Really I see only 2 disadvantages with the standard ECU

1) No Data logging. -Not a problem for me I use the vehicle datalogger!
2) No Realtime tuning - Will make dyno tuning slow. But no worse than a Stinger and you already have a REALLY good basemap.

yeah that one is for the A9L mustang eecIV

it gives a good idea of what to expect when we get the ability to tune our own aussie EECs

and it does show just how lacking the aftermarket ECUs are

thats good info thanks and i tried looking for that stuff for half hour and count not find it thanks

well i will be sold on the standard computer tuner if they can make it to tune in real time it would be awsome

The MSII is a versitile low cost solution (for those with electronic construction experience) with some tuning experience. It is very adaptable.
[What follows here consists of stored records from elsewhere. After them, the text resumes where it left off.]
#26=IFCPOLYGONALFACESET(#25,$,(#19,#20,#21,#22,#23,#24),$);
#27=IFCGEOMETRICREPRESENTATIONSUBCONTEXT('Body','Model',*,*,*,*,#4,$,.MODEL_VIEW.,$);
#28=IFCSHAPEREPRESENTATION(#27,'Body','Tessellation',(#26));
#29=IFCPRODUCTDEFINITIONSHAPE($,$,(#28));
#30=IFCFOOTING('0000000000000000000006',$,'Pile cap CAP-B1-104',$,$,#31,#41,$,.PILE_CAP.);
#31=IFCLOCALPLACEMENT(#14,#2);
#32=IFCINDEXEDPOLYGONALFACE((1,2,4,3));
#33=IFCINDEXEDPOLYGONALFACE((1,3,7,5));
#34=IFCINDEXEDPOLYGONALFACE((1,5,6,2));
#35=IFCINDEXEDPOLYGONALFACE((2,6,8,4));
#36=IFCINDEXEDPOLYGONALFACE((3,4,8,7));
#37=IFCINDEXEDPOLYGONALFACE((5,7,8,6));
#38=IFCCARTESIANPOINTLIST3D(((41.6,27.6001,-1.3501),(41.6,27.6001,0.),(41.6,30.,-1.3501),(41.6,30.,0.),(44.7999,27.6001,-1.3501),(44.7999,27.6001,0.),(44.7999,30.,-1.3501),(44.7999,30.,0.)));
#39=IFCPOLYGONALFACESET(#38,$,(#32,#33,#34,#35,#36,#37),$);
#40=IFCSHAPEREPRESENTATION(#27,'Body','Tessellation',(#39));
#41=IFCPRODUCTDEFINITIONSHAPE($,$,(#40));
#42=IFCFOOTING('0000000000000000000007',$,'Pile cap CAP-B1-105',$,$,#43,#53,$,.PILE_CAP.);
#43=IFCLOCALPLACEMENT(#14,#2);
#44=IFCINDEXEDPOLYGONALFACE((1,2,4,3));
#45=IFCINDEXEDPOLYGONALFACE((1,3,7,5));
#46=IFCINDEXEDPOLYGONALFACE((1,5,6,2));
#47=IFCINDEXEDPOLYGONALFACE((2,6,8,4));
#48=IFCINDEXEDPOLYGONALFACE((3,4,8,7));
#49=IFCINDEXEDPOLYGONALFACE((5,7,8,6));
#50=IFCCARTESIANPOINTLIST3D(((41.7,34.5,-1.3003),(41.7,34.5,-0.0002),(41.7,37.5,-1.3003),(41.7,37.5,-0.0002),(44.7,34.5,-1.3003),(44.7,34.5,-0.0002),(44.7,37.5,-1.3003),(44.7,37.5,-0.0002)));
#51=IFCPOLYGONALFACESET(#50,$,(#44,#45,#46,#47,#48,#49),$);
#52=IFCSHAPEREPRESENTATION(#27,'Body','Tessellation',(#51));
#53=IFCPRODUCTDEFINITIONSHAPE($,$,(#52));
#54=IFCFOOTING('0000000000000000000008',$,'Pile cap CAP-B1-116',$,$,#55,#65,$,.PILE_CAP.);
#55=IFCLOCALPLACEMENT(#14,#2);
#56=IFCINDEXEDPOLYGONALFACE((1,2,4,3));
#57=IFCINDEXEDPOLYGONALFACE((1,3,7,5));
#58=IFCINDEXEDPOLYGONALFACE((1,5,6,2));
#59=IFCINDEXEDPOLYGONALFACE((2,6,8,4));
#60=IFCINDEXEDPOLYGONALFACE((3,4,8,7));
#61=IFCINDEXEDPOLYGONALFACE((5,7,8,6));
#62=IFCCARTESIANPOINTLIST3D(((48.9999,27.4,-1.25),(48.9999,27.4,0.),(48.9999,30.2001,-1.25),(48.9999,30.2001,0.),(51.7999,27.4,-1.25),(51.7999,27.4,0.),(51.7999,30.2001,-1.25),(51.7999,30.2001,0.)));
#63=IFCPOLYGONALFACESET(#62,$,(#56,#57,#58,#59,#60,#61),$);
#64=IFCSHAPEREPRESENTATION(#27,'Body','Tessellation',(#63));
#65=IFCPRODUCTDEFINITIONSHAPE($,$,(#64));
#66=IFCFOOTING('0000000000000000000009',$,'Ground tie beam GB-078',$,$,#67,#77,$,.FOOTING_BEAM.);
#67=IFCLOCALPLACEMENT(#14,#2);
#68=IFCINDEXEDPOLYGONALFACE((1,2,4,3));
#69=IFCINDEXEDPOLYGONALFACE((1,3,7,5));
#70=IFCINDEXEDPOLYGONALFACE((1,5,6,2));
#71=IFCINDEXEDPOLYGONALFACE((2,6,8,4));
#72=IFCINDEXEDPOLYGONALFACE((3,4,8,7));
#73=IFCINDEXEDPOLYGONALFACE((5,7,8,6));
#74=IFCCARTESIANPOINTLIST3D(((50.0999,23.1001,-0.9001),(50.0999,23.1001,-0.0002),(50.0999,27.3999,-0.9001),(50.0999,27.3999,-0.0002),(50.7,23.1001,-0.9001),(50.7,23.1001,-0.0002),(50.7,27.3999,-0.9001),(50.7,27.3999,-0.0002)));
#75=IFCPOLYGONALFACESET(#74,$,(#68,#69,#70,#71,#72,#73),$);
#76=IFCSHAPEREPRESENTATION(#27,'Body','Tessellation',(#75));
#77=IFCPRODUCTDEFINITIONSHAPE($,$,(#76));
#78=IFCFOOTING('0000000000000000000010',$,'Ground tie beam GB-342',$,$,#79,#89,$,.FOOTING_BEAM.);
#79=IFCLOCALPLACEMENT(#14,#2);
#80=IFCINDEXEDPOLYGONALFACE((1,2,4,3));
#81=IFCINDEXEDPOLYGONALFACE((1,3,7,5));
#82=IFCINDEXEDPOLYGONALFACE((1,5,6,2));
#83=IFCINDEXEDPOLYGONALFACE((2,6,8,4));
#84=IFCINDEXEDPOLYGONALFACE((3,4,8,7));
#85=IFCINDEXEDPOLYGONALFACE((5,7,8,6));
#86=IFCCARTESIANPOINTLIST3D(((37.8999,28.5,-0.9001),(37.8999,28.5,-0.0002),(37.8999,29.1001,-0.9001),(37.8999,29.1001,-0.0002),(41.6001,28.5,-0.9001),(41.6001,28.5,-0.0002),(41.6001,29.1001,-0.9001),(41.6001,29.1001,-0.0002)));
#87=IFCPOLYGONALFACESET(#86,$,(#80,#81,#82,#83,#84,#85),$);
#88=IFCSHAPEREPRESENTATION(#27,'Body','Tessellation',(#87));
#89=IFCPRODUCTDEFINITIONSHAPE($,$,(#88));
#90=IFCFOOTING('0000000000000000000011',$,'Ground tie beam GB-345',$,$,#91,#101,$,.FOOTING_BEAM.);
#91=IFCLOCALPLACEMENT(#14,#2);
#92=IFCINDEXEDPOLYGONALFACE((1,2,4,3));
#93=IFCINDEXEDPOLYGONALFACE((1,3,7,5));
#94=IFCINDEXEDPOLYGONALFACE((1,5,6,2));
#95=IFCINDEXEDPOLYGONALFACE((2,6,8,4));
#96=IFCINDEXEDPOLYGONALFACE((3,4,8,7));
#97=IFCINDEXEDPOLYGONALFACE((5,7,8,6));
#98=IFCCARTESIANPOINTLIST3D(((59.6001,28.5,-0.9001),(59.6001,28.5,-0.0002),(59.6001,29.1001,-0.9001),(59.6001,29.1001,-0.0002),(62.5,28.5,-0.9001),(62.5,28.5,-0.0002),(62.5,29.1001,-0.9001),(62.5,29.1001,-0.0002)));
An alternative woth considering would be the TWEECER RT - http://www.tweecer.com/ It is available with logging capability, and interfaces to a number of original Ford ECU's, but has the ability fo modify the fuel & spark mappings (plus a bunch of other stuff).

Dave

Just not many EEC's here Dave, unfortunately
Mainly EB-ED V8's, however supposedly a select few 6 cylinder EEC's are supported.

i think there should be a new update to this thread.

alot has changed lately and most of the ECUs you don't have to pay extra for looms and the like.